# Slate tile project 1 done!



## Chris (Sep 15, 2003)

*Slate tile project 1 done! *UPDATED WITH PICTURES!**

It took me a little over 3 hours but I got the whole utility room cleaned out, swept, and multi-color slate put down. Not a big area, but some of the cuts were tricky as smaller rooms can be at times...Probably took only about 5 cases...and my darn wet saw kept binding....anyone know best way to sharpen those China markers? First time using that and not a Sharpie...What is the string on the pencil for? In any case...it looks really good...I am pleased...I used 2 premixed gallons of Mapei thinset mortar and those orange Levy 1/4" raised spacers...first time using those and I like em! Any case...going to let set and then grout in tomorrow with Keracolor (gray) ---


----------



## Chris (Sep 15, 2003)

PS --- b4 u ask... will post picture and bring my camera to the jobsite tomorrow... :furious:


----------



## JDFANATIC (Dec 28, 2005)

admin,

Can't wait to see the pics. Those spacers make sure make us experts quick!

Cheers

JDFANATIC


----------



## Fordfarm (Dec 27, 2005)

Looking forward to the photos! Is this the only room, or do you have more?
:cheers:


----------



## Chris (Sep 15, 2003)

My main tile project is tomorrow.....7am sharp... doughnuts, coffee, milk, OJ, and ham & bacon biscuits to all participants! yumyum HEHE

I am starting it tomorrow...about 450sq feet. Tile over tile job.
Got UltraFlex MAPEI mix...polymer blend --- really strong adhersion...stronger than thin-set. I have about 70 edge cuts to make on that job...not going to be fun. I will finish it by tomorrow night....or sometime sunrise Saturday... hehe...

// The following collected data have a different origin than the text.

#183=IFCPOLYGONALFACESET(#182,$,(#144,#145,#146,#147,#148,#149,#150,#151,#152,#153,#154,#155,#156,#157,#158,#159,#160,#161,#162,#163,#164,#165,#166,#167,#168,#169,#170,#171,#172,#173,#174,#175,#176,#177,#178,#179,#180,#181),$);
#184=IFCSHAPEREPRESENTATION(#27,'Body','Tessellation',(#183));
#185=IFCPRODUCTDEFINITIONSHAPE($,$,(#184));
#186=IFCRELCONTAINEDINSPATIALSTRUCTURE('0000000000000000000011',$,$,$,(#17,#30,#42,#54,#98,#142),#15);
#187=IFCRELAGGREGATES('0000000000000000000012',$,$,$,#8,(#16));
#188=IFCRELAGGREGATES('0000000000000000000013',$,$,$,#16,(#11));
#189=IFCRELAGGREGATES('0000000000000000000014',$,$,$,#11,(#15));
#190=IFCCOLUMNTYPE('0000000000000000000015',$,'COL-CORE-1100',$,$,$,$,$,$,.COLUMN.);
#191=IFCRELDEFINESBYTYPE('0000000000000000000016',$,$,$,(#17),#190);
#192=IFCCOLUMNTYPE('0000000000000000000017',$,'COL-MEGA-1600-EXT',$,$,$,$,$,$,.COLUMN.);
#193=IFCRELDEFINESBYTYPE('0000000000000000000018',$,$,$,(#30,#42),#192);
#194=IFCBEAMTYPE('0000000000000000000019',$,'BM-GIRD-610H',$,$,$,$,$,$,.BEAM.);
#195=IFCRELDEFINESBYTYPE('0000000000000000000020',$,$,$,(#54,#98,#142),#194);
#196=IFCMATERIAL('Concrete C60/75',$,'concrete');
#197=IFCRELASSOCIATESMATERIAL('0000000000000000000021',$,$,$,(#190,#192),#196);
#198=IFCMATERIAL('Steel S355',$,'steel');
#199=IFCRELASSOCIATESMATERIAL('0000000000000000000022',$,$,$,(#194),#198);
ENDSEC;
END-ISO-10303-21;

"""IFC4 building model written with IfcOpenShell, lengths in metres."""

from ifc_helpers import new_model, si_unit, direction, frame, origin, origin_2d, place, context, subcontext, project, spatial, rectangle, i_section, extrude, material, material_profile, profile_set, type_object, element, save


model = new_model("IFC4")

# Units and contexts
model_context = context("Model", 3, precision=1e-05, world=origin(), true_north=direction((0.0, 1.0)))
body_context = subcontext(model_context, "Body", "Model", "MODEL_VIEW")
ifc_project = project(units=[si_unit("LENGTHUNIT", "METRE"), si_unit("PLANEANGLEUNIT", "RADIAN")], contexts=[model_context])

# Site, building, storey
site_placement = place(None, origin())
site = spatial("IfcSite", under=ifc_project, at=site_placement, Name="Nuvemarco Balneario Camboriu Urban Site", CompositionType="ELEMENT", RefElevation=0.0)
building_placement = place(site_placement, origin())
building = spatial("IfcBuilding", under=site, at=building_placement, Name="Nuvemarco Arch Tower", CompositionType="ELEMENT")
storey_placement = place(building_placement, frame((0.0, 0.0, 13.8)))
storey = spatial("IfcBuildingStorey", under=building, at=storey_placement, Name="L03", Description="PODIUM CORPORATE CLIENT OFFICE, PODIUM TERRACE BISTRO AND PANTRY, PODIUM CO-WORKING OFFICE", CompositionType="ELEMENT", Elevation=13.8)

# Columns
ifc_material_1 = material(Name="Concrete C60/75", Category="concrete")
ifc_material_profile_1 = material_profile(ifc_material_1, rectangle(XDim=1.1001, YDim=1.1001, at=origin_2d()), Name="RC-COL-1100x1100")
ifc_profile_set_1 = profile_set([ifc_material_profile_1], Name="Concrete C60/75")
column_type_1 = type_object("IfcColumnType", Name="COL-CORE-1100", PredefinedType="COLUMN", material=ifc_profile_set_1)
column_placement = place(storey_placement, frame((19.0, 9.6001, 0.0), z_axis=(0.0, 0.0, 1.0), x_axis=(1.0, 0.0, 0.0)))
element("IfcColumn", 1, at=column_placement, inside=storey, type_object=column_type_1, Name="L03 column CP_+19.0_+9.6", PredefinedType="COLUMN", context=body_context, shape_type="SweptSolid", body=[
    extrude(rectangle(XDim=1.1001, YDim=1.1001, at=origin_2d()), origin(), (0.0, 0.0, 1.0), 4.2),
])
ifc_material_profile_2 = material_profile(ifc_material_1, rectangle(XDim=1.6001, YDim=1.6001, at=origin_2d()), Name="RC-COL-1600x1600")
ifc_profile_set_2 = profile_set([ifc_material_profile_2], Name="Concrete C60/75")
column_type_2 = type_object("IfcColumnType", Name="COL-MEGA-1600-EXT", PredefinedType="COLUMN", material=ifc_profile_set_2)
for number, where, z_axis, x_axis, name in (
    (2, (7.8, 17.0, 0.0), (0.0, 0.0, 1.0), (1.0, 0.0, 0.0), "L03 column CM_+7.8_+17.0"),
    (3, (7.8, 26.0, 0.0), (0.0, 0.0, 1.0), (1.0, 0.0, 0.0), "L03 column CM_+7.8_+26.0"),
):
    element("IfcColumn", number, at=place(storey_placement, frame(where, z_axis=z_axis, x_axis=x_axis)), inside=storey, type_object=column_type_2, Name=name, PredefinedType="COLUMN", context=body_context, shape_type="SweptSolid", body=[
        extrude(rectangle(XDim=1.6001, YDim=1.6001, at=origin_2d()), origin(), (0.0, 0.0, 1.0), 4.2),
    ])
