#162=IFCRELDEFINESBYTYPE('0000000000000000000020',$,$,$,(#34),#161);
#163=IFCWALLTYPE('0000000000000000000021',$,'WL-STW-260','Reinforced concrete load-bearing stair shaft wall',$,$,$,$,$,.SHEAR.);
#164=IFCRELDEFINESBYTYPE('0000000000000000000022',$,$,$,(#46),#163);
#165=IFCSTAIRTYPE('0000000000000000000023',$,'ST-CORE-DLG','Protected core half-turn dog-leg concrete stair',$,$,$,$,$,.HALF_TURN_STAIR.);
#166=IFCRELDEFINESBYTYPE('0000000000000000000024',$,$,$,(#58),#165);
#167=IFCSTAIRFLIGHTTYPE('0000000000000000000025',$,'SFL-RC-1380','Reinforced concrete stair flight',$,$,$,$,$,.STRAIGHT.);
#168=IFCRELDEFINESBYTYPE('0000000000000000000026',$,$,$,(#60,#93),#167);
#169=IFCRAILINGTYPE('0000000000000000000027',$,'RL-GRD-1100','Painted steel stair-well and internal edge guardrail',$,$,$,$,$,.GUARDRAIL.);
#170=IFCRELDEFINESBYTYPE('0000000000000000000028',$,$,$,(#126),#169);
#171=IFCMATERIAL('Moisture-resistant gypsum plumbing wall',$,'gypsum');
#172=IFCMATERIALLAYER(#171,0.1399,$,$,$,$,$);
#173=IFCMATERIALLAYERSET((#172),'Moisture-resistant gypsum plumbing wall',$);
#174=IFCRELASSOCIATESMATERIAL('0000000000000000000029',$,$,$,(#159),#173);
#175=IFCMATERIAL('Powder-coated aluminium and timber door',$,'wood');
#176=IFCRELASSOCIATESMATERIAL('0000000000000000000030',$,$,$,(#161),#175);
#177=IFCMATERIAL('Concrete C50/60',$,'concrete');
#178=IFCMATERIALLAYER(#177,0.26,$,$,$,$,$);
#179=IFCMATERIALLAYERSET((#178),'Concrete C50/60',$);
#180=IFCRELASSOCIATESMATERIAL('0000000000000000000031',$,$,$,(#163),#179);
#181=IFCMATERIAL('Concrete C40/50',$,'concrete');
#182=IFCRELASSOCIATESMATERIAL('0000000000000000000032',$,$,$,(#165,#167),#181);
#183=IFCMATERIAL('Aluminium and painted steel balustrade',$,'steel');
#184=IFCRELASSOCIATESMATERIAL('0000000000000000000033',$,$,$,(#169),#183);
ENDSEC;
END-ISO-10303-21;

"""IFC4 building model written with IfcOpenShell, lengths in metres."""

Wish I had a friendly mex to cut my tile...that darn wet saw is a PITA...I never remember getting so wet, and covered in dark, dirty tile spray...edro: edro: edro: WHERE ARE YOU?

I will take pics!


----------



## OleGrandWizard (Jan 9, 2006)

> _Originally posted by admin _
> *My main tile project is tomorrow.....7am sharp... doughnuts, coffee, milk, OJ, and ham & bacon biscuits to all participants! yumyum HEHE
> 
> I am starting it tomorrow...about 450sq feet. Tile over tile job.
> ...


7am you say? I am only about an hour away...How about slapjacks and syrup? yumyum


----------



## CatDaddy (May 30, 2004)

Photos. Photos. Photos!

Come on Andy, show us the finished product! 

I may end up having to re-tile a bathroom to make my wife happy.

-=A=-


----------



## luckycharms (Dec 4, 2003)

Be careful when grouting slate. If you don't know already, seal it FIRST, then grout. Slate has a nasty habit because of its naturally rough cut surface, and non-glazed finish to trap grout and make it a very tedious job. If you seal the slate first, the grout will come off much quicker. Also, you can put a nice semi-gloss sheen on it, it will not make it slick but it will look fabulous.
Let me know if you have any questions. How is the adhersion on the tile-over-tile going? Is the flex mortar working OK?

Have fun.
-LC
:worm:


----------



## Chris (Sep 15, 2003)

Well, well, well.....That was one of the most difficult DIY projects I have ever done...slate is a PITA to deal with...it is very heavy, uneven, irregular heights, rough surface which is nearly impossible to clean out grout and IMPOSSIBLE to clean completely after grouting....My wrists were so tired from squeezing out sponges and scraping the floor, I literally couldn't move my hands anymore. I will tell you what I learned and I don't know why.....I had a small section (about 50 sq feet) in the hallway to do and I didn't seal it like the rest of the floor...you know the recommended "preseal slate tile routines" and that area went on and cleaned up perfectly with little or no effort.

Same grout, same technique....stupid sealer....stupid slate...
:furious: 

Oh well, any ideas for cleaning more of the hardened grout out in the cracks on the slate and what about the horrible haze on the tiles? Lordy...might have to use my belt sander and/or a dremel tool to clean it up.....anyone use a small like automotive buffer or waxing device on the floor? Would that help? Ideas?


----------



## JDFANATIC (Dec 28, 2005)

If it were outside I would say muriatic acid. Inside . . . you're going to end up looking like Popeye.

Cheers

JDFANATIC


----------



## Chris (Sep 15, 2003)

You mean grumpy with big arms looking for Olive?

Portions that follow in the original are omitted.